Eur J Obstet Gynecol Reprod Biol. 2014 Mar;174:54-8. doi: 10.1016/j.ejogrb.2013.11.028. Epub 2013 Dec 15.

Adaji SE1, Olajide FM2.
1Department of Obstetrics and Gynaecology, Ahmadu Bello University Teaching Hospital, Zaria, Nigeria. Electronic address: sonnyadaji@gmail.com.2Department of Obstetrics and Gynaecology, Ahmadu Bello University Teaching Hospital, Zaria, Nigeria.
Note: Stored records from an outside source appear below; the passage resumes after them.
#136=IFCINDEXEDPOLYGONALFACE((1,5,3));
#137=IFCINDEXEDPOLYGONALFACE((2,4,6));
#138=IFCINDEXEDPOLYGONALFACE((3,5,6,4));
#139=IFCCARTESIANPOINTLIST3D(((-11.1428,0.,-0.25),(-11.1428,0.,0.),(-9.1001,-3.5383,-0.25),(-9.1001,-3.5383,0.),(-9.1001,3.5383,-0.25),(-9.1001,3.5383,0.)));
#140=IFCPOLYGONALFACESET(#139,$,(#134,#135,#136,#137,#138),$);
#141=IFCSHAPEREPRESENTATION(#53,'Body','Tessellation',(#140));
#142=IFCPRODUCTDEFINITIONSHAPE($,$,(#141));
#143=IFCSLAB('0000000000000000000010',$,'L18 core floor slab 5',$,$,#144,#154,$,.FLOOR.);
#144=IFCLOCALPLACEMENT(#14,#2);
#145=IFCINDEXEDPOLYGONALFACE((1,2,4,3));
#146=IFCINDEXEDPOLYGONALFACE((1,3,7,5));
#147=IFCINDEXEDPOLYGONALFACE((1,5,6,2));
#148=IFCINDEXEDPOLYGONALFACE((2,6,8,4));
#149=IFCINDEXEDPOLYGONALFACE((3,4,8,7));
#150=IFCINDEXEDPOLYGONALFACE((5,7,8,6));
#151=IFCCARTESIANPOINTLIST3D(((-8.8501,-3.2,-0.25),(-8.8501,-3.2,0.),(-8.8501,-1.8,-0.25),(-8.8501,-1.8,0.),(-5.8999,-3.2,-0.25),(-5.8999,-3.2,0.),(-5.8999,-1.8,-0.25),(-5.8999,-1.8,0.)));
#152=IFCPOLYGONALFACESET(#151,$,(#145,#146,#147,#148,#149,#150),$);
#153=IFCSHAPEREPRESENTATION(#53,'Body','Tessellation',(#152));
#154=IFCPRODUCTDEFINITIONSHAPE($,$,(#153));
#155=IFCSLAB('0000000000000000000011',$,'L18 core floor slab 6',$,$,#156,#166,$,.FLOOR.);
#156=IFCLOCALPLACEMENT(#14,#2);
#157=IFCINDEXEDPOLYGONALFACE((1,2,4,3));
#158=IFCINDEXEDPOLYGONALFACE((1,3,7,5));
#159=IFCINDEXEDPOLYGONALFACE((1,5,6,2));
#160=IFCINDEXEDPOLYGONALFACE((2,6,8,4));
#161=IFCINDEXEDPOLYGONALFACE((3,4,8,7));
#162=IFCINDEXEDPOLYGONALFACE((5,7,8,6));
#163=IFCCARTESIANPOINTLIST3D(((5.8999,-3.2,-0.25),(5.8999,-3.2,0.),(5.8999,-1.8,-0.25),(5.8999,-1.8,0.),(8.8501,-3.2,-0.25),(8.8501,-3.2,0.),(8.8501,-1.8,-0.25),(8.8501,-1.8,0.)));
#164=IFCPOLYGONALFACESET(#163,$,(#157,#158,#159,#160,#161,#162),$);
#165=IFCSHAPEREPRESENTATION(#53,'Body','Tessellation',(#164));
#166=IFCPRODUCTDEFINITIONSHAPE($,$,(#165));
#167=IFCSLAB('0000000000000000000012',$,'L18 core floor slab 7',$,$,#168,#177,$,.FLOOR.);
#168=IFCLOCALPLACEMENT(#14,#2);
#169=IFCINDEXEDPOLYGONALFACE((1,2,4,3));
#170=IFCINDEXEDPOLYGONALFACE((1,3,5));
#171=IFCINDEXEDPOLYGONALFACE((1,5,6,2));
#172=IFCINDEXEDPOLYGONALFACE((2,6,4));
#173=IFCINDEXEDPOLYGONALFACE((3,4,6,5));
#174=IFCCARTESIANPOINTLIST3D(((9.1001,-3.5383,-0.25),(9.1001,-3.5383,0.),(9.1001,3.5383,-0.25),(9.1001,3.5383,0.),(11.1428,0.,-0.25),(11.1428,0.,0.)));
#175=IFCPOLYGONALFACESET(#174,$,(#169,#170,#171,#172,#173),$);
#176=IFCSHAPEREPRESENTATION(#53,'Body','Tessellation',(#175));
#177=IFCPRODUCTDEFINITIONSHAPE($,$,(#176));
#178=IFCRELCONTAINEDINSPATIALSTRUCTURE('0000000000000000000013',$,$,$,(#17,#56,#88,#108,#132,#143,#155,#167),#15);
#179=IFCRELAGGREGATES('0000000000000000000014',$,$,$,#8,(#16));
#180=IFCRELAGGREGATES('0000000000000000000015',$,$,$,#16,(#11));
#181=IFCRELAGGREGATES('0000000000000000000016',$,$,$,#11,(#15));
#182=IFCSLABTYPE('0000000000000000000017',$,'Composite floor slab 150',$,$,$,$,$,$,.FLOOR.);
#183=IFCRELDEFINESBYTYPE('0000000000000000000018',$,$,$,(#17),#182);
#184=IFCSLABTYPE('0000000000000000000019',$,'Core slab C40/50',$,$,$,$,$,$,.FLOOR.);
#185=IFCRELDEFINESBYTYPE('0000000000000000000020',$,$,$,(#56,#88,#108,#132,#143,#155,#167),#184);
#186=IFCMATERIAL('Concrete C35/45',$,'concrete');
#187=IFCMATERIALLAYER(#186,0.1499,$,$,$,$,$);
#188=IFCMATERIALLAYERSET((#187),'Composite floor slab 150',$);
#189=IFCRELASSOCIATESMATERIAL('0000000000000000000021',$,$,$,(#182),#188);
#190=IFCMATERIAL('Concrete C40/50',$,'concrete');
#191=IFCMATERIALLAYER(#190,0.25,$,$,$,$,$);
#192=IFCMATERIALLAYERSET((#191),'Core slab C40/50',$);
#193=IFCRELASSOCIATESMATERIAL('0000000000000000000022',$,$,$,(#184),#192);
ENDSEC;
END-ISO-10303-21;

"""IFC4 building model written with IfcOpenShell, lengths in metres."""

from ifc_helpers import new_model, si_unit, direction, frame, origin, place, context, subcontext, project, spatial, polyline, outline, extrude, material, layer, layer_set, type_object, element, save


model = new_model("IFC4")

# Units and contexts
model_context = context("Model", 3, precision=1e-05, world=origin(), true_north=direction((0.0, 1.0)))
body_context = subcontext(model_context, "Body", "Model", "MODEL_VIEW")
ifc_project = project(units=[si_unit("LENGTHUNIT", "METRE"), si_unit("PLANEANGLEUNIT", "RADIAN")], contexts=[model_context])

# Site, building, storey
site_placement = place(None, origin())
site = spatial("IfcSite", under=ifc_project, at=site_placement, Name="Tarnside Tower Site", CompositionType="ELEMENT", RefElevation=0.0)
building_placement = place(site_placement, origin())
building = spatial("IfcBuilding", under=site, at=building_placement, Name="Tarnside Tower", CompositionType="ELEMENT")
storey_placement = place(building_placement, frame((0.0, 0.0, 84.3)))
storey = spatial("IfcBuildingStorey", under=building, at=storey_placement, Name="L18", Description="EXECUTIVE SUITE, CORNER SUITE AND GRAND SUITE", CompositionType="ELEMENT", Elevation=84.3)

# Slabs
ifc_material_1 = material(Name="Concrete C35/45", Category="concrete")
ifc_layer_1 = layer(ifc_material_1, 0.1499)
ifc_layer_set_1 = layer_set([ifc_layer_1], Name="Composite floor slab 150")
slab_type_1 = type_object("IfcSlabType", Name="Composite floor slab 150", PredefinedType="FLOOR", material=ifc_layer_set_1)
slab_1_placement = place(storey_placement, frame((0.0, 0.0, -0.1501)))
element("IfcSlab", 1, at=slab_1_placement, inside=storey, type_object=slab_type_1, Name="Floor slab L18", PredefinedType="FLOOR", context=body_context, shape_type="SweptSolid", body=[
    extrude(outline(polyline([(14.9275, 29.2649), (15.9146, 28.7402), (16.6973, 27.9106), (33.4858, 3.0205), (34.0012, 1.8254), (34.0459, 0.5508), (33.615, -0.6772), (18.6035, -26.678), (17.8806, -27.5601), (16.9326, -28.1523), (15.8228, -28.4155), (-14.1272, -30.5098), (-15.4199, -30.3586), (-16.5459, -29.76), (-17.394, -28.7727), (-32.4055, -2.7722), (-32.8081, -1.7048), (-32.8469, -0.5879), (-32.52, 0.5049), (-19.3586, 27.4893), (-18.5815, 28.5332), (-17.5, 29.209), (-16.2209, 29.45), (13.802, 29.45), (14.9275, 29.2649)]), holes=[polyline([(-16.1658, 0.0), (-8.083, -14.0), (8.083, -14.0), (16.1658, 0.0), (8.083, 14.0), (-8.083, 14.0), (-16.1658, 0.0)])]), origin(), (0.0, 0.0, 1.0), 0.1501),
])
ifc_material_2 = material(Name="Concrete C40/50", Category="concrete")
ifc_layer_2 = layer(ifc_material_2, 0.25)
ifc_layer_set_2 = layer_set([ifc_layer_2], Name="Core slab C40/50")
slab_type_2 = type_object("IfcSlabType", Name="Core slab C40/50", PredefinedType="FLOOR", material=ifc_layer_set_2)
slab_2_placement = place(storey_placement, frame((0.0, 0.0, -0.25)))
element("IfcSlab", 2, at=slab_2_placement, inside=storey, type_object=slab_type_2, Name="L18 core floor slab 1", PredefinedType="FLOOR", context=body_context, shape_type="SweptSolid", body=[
Eur J Obstet Gynecol Reprod Biol
ABSTRACT
OBJECTIVE: To investigate the occurrence and severity of pelvic floor symptoms during the postnatal period among Nigerian women.STUDY DESIGN: A total of 90 women were prospectively interviewed using the Pelvic Floor Distress Inventory – Short Form 20 (PFDI-20). Additional questions related to the demographic and obstetric profile of the study population. The subjects were recruited into the study during postnatal visits at a tertiary-level hospital after giving their verbal consent to participate in the study.RESULTS: A variety of lower urinary and bowel symptoms were found in the study population. The commonest lower urinary symptom was frequent micturition, which was reported by 24.4% of respondents, followed by urine leakage during coughing, sneezing and laughing. The commonest lower bowel symptom reported was straining hard to pass stool (26.7%) followed by pains when passing stool (15.6%). The Urinary Distress Inventory-6 (UDI-6) score was 26.8/100, Colorectal-Anal Distress Inventory-8 (CRADI-8) was 55.25/100 and Pelvic Organ Prolapse Distress Inventory-6 (POPDI-6), 12.7/100. The total PFDI-20 score was 94.8/300.CONCLUSION: Pelvic floor symptoms are prevalent in the study population and could be a pointer to the quality of obstetric care available. Efforts need to be intensified to create awareness and build capacity to prevent and manage these symptoms, which could impact the quality of lives of affected women.Copyright © 2013 Elsevier Ireland Ltd. All rights reserved.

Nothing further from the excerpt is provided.